Dexterous robot manipulation such as unscrewing caps, tool use, and fine finger control is costly to train. Current approaches rely on large volumes of teleoperated robot demonstrations, which are slow and expensive to scale. Meanwhile, humans generate vast amounts of dexterous manipulation data daily, but transferring this knowledge to robots remains challenging.
EgoScale treats large-scale human egocentric video as the primary supervision source and combines it with precise motion alignment through MANUS gloves in a three-stage pipeline.

A Vision-Language-Action (VLA) model is pretrained on 20,854 hours of action-labeled egocentric human videos. Human hand motions are extracted using 21 key points and retargeted into a 22-DoF robotic hand joint space, while wrist motion is represented as relative 3D translation and rotation.
The research team uncovers a log-linear scaling law: as human data increases, validation loss decreases predictably and strongly correlates with real-robot performance. This demonstrates that large-scale human video is a scalable and reliable supervision source for dexterous robot learning.

Stage 1 learns a general manipulation prior from unconstrained human data, but it does not match the robot’s sensing and control setup. Stage 2 bridges this embodiment gap.
A small, carefully aligned dataset is collected where humans and human-teleoperated robots perform the same 344 tabletop tasks using identical camera setups. During this process, operators wear MANUS gloves to capture high-fidelity finger articulation as 25 joint transforms per hand, while Vive trackers record wrist motion. The same motion-capture setup is used for robot teleoperation, ensuring that human and robot action signals are directly comparable across embodiments.
With approximately 50 hours of aligned human data and 4 hours of robot data, the model anchors human manipulation knowledge into robot control.
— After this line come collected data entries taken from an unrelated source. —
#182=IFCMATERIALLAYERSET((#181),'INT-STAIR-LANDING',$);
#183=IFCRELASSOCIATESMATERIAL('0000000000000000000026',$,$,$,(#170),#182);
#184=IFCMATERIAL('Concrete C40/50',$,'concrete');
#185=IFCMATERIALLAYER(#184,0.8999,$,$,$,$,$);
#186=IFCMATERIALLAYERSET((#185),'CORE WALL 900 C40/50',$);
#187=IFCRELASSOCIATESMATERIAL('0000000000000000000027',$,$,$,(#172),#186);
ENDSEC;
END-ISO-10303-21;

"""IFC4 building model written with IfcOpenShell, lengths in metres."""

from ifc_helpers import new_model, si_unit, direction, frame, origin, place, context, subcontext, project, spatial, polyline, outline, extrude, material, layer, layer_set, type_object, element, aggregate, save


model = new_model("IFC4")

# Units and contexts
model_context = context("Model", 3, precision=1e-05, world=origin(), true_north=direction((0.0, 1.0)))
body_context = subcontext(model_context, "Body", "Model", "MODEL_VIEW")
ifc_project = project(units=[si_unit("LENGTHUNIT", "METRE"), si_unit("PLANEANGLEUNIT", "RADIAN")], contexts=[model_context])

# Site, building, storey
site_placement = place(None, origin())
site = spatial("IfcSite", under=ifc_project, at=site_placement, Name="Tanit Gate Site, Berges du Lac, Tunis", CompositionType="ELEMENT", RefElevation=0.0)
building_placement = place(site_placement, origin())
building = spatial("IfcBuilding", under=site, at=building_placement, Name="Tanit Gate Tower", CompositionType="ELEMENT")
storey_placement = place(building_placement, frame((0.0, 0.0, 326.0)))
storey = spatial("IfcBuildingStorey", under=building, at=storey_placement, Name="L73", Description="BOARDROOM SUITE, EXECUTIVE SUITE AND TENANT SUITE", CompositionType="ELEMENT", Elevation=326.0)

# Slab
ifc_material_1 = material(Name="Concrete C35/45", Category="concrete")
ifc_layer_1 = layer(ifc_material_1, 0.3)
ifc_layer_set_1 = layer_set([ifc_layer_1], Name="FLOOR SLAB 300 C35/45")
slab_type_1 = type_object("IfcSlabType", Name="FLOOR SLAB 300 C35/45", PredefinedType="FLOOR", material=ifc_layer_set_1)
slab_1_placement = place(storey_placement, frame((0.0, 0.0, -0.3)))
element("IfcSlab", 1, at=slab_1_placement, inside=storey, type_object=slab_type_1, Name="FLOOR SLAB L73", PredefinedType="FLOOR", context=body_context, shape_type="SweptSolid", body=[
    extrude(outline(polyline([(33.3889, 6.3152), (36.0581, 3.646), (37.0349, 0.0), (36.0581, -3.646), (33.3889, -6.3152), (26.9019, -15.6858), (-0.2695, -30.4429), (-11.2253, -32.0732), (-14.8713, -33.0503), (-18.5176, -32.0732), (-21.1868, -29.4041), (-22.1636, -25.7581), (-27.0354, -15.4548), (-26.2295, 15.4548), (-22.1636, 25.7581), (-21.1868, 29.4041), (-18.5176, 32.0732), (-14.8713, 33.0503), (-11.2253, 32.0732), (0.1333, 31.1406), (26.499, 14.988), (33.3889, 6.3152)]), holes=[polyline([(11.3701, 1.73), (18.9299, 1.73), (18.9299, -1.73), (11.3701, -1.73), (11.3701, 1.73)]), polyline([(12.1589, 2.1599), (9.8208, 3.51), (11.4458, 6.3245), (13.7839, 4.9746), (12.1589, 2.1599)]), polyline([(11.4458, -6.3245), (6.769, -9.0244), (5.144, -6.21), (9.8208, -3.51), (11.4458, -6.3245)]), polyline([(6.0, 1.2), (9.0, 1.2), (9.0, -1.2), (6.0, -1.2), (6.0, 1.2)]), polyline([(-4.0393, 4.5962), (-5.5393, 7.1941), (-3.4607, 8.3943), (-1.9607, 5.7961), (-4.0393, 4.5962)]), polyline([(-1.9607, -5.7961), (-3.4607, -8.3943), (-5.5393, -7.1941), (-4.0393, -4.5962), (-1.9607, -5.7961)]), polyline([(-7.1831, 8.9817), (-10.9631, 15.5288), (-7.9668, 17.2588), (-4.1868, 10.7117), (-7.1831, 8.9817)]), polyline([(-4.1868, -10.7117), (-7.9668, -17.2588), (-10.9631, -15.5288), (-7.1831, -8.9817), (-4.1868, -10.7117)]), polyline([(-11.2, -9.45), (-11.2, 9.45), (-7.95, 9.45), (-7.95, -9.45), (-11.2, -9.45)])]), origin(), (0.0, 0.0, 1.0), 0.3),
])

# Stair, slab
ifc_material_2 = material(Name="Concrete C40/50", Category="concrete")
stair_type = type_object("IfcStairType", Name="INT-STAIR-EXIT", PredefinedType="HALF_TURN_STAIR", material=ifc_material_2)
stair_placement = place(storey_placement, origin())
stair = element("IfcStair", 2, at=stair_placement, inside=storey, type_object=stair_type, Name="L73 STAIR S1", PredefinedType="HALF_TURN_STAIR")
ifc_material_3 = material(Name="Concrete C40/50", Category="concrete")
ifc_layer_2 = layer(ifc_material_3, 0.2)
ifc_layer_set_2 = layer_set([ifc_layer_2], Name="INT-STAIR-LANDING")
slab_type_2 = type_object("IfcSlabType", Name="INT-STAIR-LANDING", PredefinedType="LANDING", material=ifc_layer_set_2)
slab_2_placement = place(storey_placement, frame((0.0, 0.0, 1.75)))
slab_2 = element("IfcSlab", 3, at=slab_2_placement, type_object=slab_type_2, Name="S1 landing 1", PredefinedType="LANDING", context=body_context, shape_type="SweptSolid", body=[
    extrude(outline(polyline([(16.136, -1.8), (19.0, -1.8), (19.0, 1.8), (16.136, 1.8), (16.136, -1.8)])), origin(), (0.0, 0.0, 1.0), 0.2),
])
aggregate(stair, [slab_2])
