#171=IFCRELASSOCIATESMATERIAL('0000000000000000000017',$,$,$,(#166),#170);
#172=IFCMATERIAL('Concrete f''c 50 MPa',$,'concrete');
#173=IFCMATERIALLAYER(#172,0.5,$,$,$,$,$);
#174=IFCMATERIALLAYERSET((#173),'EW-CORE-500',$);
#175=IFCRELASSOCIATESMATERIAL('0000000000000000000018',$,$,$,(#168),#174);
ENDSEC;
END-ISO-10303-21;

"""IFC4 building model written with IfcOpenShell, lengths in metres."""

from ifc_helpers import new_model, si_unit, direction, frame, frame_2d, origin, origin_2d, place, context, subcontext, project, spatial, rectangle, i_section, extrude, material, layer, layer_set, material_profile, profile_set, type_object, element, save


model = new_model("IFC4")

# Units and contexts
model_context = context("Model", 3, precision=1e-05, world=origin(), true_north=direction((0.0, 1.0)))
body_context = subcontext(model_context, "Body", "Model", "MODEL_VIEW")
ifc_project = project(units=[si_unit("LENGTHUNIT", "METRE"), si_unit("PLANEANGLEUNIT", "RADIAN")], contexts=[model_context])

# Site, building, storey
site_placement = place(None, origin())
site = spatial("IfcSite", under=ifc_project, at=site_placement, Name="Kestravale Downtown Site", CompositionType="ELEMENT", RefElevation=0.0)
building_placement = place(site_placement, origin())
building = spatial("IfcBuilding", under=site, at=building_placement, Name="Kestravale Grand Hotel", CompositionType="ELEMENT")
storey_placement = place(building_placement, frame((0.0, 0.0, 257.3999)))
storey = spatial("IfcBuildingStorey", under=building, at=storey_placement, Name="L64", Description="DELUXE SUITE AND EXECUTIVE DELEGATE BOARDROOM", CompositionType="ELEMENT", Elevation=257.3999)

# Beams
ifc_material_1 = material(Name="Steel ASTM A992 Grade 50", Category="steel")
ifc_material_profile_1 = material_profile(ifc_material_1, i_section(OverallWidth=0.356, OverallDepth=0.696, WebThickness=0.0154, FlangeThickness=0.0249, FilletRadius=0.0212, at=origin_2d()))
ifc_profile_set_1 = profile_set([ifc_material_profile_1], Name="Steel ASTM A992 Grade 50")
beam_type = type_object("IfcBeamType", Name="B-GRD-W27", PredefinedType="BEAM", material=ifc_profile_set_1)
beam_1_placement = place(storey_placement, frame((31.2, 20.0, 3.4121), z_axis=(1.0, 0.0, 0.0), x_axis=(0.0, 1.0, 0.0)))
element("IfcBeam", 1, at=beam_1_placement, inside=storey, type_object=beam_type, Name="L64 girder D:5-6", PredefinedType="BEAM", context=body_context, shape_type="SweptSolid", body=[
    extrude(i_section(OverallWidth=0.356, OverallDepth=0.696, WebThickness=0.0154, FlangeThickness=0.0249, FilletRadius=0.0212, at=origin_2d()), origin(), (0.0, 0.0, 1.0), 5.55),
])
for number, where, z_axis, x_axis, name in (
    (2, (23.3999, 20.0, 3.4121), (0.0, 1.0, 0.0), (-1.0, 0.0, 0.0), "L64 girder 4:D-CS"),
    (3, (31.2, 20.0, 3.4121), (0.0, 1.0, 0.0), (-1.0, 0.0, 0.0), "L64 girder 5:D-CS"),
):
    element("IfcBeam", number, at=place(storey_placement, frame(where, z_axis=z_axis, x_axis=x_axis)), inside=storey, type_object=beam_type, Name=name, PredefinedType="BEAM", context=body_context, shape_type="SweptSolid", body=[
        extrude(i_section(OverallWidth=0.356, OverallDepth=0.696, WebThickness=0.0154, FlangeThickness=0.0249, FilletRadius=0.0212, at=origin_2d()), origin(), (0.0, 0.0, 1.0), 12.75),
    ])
At this stage, the model already has a general manipulation prior from Stage 1 and embodiment alignment from Stage 2. Stage 3 fine-tunes it for a specific task.
In the standard setting, about 100 teleoperated robot demonstrations are used to adapt the model to the target task. Because the foundation is strong, this relatively small dataset is sufficient for high performance on complex dexterous tasks.
In the one-shot setting, the model requires only a single robot demonstration, supplemented by aligned human demonstrations, to generalize effectively. This highlights the strong few-shot capability enabled by the earlier stages.

The combination of large-scale human pretraining and MANUS-enabled alignment delivers clear performance gains.
Across five complex dexterous tasks, the full Pretrain and Midtrain model improves average success rate by 54% over a no-pretraining baseline. The Pretrain and Midtrain model also significantly outperforms training from scratch across all individual tasks. In the one-shot setting, a single robot demonstration enables up to 88% success on shirt folding, demonstrating strong few-shot generalization.
Importantly, the learned manipulation prior transfers across embodiments. Policies pretrained on high-DoF human and dexterous hand data can be adapted to the Unitree G1 with a 7-DoF tri-finger hand, achieving over 30% absolute improvement in success rate and demonstrating that high-DoF human manipulation representations generalize to lower-DoF robot hands.

EgoScale establishes a scalable paradigm for dexterous robot learning:
By acting as the precision action translation layer between human motion and robot joint space, MANUS gloves reduce robot data cost while accelerating deployment of general-purpose dexterous systems.